Development of methods for obtaining thymosin beta 4 analogs as conjugates with extended half-life in vivo

Laboratory of Biopharmaceutical Technologies

A method for the production of monocojugates of recombinant human thymosin β4 (Тβ4) with capronic acid, polysialic acid 14 kDa and polyethylene glycol 10 kDa has been developed. As a result of multifactorial experiments, the components of the reaction mixtures were identified, and conditions of those reactions were optimized. For each analog, we developed a single-stage RP HPLC purification procedure that enabled to attain the purity of no less than 98%. The peptide mapping results backed up by chromatography-mass spectrometry and electrophoresis demonstrated that the produced Тβ4 analogs are monoconjugates in which the initial peptide is modified at the N-terminal serine residue. The produced analogs feature a higher resistance to degradation in the blood plasma as compared to non-modified Tβ4, and they can be regarded as promising candidates for further biological testing.
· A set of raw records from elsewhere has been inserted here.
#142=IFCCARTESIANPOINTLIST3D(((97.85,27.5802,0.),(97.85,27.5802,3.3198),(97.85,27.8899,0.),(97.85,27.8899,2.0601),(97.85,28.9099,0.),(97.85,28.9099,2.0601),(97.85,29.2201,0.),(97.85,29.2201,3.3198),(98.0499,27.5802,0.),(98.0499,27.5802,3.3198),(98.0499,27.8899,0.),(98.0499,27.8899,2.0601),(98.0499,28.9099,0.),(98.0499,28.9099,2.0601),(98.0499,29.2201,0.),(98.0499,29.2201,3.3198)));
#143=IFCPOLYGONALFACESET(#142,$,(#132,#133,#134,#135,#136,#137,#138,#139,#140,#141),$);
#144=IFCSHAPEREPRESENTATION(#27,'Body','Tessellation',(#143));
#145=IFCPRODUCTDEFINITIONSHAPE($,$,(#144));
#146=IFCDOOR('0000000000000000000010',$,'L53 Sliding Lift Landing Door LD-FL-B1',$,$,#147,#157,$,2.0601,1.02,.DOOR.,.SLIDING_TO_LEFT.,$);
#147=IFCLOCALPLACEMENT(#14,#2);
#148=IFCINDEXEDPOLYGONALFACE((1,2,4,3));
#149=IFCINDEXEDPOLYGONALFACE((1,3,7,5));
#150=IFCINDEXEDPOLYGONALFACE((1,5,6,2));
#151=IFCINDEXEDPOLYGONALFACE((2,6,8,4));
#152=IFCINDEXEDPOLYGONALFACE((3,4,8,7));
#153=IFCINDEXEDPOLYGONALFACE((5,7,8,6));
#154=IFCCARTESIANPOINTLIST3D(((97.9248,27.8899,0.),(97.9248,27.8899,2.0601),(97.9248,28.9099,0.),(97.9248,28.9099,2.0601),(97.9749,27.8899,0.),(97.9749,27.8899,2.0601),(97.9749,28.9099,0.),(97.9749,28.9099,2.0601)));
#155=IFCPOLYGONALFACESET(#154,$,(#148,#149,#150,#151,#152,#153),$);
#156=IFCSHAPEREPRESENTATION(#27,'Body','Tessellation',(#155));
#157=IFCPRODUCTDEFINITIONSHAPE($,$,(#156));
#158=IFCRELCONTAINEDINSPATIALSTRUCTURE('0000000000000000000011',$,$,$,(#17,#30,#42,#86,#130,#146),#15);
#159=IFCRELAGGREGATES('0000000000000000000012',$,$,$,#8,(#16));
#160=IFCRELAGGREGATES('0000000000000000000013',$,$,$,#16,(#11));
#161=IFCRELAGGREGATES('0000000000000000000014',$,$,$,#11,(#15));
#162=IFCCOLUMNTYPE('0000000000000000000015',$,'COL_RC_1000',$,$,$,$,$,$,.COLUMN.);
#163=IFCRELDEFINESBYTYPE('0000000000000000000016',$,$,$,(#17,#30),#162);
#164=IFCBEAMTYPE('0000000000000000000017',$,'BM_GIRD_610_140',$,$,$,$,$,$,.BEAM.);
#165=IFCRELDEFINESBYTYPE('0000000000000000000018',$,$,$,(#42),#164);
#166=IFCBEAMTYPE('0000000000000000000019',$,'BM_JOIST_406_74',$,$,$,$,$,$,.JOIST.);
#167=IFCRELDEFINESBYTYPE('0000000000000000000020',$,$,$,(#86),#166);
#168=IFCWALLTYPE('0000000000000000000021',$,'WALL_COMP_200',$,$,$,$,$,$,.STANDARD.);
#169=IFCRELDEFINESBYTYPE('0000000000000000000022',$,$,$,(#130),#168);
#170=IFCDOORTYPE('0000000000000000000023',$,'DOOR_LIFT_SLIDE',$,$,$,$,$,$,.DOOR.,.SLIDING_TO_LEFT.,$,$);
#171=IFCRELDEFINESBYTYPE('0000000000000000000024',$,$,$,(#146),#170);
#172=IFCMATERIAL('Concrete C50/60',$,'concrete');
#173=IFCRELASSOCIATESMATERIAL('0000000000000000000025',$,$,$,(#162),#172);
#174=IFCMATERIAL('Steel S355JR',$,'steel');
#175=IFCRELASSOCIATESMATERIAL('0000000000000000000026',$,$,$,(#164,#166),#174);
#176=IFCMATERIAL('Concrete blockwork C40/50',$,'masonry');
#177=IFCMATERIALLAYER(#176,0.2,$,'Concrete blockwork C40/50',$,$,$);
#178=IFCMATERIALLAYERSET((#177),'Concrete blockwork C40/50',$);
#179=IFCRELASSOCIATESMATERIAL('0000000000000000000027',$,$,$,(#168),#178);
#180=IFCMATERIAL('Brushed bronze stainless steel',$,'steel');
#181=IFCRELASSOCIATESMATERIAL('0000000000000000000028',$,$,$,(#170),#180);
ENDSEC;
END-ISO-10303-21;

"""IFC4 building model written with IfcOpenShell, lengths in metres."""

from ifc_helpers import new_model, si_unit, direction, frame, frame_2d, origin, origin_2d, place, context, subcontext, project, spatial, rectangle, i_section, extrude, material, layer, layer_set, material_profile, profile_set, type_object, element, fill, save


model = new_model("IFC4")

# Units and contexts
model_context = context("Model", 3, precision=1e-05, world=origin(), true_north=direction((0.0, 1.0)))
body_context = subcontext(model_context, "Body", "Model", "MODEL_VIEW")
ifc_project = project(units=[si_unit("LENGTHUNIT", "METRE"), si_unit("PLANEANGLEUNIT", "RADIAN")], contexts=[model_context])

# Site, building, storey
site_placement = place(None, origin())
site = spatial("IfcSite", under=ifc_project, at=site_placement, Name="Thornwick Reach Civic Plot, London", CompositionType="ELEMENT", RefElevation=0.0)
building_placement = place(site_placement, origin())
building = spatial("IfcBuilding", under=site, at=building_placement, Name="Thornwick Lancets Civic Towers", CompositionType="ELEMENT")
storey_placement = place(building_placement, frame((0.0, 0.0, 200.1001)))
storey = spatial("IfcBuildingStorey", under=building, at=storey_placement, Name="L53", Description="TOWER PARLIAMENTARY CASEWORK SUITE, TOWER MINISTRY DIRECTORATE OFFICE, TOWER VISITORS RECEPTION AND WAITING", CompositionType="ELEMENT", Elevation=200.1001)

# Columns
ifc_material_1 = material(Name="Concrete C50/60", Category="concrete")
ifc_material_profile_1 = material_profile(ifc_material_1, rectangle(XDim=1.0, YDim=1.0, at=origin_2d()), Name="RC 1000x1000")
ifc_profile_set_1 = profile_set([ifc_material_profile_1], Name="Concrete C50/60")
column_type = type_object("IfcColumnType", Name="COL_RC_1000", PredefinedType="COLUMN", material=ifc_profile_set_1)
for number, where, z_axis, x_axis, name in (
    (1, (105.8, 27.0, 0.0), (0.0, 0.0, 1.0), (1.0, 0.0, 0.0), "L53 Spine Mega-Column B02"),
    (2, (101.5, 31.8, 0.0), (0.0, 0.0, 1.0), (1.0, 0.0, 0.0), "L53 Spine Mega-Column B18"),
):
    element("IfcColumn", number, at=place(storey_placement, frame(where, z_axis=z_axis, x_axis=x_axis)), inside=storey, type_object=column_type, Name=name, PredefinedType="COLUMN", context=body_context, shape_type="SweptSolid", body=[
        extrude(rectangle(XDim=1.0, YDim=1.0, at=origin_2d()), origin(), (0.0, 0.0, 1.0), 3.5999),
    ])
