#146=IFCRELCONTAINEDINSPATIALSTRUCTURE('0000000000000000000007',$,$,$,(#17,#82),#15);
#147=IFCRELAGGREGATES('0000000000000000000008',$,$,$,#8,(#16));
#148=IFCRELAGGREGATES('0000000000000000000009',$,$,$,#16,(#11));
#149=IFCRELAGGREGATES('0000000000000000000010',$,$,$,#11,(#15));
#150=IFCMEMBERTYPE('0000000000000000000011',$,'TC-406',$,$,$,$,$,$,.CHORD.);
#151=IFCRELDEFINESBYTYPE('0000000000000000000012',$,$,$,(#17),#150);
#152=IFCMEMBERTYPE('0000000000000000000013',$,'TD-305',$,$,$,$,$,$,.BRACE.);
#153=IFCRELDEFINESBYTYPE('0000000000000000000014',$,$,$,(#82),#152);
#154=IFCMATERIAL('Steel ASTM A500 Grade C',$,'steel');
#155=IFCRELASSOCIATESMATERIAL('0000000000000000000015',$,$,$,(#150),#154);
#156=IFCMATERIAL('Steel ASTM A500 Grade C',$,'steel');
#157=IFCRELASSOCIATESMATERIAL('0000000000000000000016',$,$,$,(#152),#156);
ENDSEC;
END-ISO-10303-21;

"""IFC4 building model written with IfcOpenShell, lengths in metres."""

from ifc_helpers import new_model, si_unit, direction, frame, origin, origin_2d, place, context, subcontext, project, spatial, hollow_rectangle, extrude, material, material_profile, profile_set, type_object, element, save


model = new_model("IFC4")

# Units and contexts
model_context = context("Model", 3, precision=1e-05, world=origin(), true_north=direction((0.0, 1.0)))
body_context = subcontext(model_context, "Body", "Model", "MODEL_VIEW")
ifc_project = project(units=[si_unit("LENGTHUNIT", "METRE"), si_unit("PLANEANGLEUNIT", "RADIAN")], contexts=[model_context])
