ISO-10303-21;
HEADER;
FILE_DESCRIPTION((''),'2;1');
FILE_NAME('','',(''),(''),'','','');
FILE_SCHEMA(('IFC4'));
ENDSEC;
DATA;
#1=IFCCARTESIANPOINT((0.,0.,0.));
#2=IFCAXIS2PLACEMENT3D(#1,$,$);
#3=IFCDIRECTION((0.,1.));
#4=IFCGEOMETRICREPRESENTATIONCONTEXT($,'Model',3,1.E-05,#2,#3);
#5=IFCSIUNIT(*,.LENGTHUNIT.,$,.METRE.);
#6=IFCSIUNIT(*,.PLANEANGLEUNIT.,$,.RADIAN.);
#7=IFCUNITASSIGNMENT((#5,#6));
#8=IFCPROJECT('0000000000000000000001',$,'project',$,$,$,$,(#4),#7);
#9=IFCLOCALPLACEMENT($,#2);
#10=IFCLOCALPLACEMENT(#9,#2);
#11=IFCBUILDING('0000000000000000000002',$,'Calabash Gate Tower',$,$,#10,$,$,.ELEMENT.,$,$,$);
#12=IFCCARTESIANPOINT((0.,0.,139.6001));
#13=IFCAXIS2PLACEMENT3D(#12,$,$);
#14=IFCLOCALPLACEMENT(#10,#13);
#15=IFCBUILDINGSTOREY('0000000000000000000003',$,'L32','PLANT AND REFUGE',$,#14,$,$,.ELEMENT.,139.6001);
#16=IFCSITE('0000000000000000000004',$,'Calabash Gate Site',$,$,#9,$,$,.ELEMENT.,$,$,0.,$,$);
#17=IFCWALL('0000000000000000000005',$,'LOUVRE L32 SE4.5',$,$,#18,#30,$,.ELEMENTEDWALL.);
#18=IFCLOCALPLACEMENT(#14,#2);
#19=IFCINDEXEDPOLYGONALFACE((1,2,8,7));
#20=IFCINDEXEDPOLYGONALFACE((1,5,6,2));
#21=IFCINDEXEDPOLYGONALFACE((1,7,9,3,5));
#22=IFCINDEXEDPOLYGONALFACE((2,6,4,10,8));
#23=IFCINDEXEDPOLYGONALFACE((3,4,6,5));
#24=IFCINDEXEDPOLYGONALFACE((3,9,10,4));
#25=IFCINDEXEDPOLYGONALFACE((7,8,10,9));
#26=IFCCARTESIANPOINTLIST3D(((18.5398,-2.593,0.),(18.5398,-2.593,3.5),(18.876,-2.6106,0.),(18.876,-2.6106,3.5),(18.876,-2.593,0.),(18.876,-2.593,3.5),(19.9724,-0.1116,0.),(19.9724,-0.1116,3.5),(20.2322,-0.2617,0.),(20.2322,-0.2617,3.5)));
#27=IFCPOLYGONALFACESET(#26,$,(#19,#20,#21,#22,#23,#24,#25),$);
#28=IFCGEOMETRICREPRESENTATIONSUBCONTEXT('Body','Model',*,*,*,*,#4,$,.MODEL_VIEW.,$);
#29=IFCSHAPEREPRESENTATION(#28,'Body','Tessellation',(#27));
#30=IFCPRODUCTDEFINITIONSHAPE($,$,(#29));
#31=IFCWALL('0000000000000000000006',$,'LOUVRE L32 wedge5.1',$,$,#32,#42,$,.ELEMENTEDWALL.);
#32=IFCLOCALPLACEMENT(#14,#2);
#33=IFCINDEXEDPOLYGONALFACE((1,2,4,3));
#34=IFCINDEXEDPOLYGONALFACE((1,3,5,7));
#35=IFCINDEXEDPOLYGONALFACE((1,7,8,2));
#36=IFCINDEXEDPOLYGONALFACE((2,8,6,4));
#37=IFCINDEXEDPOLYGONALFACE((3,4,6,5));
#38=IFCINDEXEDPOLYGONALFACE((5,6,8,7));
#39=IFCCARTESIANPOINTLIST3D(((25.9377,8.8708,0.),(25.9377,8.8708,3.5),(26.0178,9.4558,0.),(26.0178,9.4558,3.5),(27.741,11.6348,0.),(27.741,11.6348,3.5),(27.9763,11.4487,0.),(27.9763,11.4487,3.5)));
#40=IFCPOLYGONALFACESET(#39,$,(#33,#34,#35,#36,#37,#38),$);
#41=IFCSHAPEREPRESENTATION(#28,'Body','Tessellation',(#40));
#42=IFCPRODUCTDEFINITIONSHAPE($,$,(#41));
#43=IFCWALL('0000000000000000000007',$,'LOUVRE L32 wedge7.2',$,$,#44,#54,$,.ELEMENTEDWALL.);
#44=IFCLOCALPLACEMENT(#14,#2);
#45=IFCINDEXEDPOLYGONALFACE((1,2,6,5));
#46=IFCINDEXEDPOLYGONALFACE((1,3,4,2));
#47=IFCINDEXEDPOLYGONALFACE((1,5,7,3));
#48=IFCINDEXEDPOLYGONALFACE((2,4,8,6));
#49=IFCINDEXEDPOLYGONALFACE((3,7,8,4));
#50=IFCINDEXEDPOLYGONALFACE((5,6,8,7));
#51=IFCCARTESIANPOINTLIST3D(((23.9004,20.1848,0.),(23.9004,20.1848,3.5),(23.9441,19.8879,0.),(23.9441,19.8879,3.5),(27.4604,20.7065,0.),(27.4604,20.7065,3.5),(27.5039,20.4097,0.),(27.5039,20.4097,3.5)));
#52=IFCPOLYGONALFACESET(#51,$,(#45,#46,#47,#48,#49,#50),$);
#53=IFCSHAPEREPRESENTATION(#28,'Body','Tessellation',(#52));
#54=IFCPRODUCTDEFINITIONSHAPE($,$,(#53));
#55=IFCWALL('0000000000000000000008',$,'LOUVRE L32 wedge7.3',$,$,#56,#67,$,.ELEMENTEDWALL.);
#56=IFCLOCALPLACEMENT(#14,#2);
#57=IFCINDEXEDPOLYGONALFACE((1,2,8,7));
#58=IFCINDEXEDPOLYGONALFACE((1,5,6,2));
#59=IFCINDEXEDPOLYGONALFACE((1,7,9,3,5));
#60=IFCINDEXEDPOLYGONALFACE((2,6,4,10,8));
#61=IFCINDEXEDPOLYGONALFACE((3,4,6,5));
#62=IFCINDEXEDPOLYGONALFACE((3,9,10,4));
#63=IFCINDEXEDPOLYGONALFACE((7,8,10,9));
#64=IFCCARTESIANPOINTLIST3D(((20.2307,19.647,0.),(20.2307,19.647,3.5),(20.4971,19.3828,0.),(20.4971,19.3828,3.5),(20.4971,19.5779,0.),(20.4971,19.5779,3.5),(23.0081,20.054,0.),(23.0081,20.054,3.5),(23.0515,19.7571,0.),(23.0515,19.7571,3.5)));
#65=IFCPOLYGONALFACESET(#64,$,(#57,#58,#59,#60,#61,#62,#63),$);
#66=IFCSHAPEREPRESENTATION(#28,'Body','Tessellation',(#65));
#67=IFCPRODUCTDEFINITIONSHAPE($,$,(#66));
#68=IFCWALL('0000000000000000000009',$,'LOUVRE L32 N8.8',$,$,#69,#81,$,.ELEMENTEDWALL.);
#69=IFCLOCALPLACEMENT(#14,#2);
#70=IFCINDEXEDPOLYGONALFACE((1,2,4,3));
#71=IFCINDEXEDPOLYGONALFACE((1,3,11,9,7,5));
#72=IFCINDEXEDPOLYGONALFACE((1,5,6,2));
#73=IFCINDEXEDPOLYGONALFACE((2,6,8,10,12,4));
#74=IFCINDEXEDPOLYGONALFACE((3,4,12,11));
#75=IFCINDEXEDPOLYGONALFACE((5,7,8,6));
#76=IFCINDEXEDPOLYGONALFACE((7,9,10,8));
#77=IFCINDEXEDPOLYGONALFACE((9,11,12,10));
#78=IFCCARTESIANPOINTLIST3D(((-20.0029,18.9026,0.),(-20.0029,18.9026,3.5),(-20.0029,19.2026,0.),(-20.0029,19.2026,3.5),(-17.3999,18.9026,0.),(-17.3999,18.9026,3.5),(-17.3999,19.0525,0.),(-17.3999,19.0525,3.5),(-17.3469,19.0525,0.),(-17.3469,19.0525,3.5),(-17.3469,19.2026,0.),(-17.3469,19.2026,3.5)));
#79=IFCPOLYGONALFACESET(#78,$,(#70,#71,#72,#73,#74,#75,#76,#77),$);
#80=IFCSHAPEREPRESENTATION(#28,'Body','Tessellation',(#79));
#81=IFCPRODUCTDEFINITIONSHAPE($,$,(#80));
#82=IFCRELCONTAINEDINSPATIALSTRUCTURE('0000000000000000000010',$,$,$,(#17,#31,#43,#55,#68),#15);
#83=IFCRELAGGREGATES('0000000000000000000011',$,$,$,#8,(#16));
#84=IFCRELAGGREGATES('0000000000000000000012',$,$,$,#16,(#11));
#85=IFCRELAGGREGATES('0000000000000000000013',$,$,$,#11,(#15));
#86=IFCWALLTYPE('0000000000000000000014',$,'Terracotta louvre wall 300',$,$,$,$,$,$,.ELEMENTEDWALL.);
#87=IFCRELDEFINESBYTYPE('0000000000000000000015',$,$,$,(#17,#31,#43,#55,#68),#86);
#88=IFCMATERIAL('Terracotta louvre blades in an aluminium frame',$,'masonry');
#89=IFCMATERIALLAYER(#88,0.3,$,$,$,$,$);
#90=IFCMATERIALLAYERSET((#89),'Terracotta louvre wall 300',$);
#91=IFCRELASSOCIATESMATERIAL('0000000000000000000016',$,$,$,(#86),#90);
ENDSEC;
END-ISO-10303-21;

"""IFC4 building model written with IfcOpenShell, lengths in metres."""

from ifc_helpers import new_model, si_unit, direction, frame, origin, place, context, subcontext, project, spatial, polyline, outline, extrude, material, layer, layer_set, type_object, element, save


model = new_model("IFC4")

# Units and contexts
model_context = context("Model", 3, precision=1e-05, world=origin(), true_north=direction((0.0, 1.0)))
body_context = subcontext(model_context, "Body", "Model", "MODEL_VIEW")
ifc_project = project(units=[si_unit("LENGTHUNIT", "METRE"), si_unit("PLANEANGLEUNIT", "RADIAN")], contexts=[model_context])

# Site, building, storey
site_placement = place(None, origin())
site = spatial("IfcSite", under=ifc_project, at=site_placement, Name="Calabash Gate Site", CompositionType="ELEMENT", RefElevation=0.0)
building_placement = place(site_placement, origin())
building = spatial("IfcBuilding", under=site, at=building_placement, Name="Calabash Gate Tower", CompositionType="ELEMENT")
storey_placement = place(building_placement, frame((0.0, 0.0, 139.6001)))
storey = spatial("IfcBuildingStorey", under=building, at=storey_placement, Name="L32", Description="PLANT AND REFUGE", CompositionType="ELEMENT", Elevation=139.6001)

# Walls
ifc_material_1 = material(Name="Terracotta louvre blades in an aluminium frame", Category="masonry")
ifc_layer_1 = layer(ifc_material_1, 0.3)
ifc_layer_set_1 = layer_set([ifc_layer_1], Name="Terracotta louvre wall 300")
wall_type_1 = type_object("IfcWallType", Name="Terracotta louvre wall 300", PredefinedType="ELEMENTEDWALL", material=ifc_layer_set_1)
wall_1_placement = place(storey_placement, origin())
element("IfcWall", 1, at=wall_1_placement, inside=storey, type_object=wall_type_1, Name="LOUVRE L32 SE4.5", PredefinedType="ELEMENTEDWALL", context=body_context, shape_type="SweptSolid", body=[
    extrude(outline(polyline([(19.9724, -0.1116), (18.5398, -2.593), (18.876, -2.593), (18.876, -2.6106), (20.2322, -0.2617), (19.9724, -0.1116)])), origin(), (0.0, 0.0, 1.0), 3.5),
])
wall_2_placement = place(storey_placement, origin())
element("IfcWall", 2, at=wall_2_placement, inside=storey, type_object=wall_type_1, Name="LOUVRE L32 wedge5.1", PredefinedType="ELEMENTEDWALL", context=body_context, shape_type="SweptSolid", body=[
    extrude(outline(polyline([(27.741, 11.6348), (26.0178, 9.4558), (25.9377, 8.8708), (27.9763, 11.4487), (27.741, 11.6348)])), origin(), (0.0, 0.0, 1.0), 3.5),
])
wall_3_placement = place(storey_placement, origin())
element("IfcWall", 3, at=wall_3_placement, inside=storey, type_object=wall_type_1, Name="LOUVRE L32 wedge7.2", PredefinedType="ELEMENTEDWALL", context=body_context, shape_type="SweptSolid", body=[
    extrude(outline(polyline([(27.4604, 20.7065), (23.9004, 20.1848), (23.9441, 19.8879), (27.5039, 20.4097), (27.4604, 20.7065)])), origin(), (0.0, 0.0, 1.0), 3.5),
])
wall_4_placement = place(storey_placement, origin())
element("IfcWall", 4, at=wall_4_placement, inside=storey, type_object=wall_type_1, Name="LOUVRE L32 wedge7.3", PredefinedType="ELEMENTEDWALL", context=body_context, shape_type="SweptSolid", body=[
    extrude(outline(polyline([(23.0081, 20.054), (20.2307, 19.647), (20.4971, 19.5779), (20.4971, 19.3828), (23.0515, 19.7571), (23.0081, 20.054)])), origin(), (0.0, 0.0, 1.0), 3.5),
])
wall_5_placement = place(storey_placement, origin())
element("IfcWall", 5, at=wall_5_placement, inside=storey, type_object=wall_type_1, Name="LOUVRE L32 N8.8", PredefinedType="ELEMENTEDWALL", context=body_context, shape_type="SweptSolid", body=[
    extrude(outline(polyline([(-17.3469, 19.0525), (-17.3469, 19.2026), (-20.0029, 19.2026), (-20.0029, 18.9026), (-17.3999, 18.9026), (-17.3999, 19.0525), (-17.3469, 19.0525)])), origin(), (0.0, 0.0, 1.0), 3.5),
])

save(model, "model.ifc")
Multiple sclerosis is a chronic autoimmune disease with neurological pathology. The dominant role of immunological processes in the development of the disease dictates the need for medications that specifically minimize the activity of immune processes. The peptides A8AMS and mA8AMS, homologous to the fragment of the human IgG VH domain, have been shown to act in vitro and in vivo, effectively reducing the symptoms of experimental autoimmune encephalomyelitis, an animal model of multiple sclerosis. The results provide new opportunities for the development of peptide drugs for the treatment of multiple sclerosis.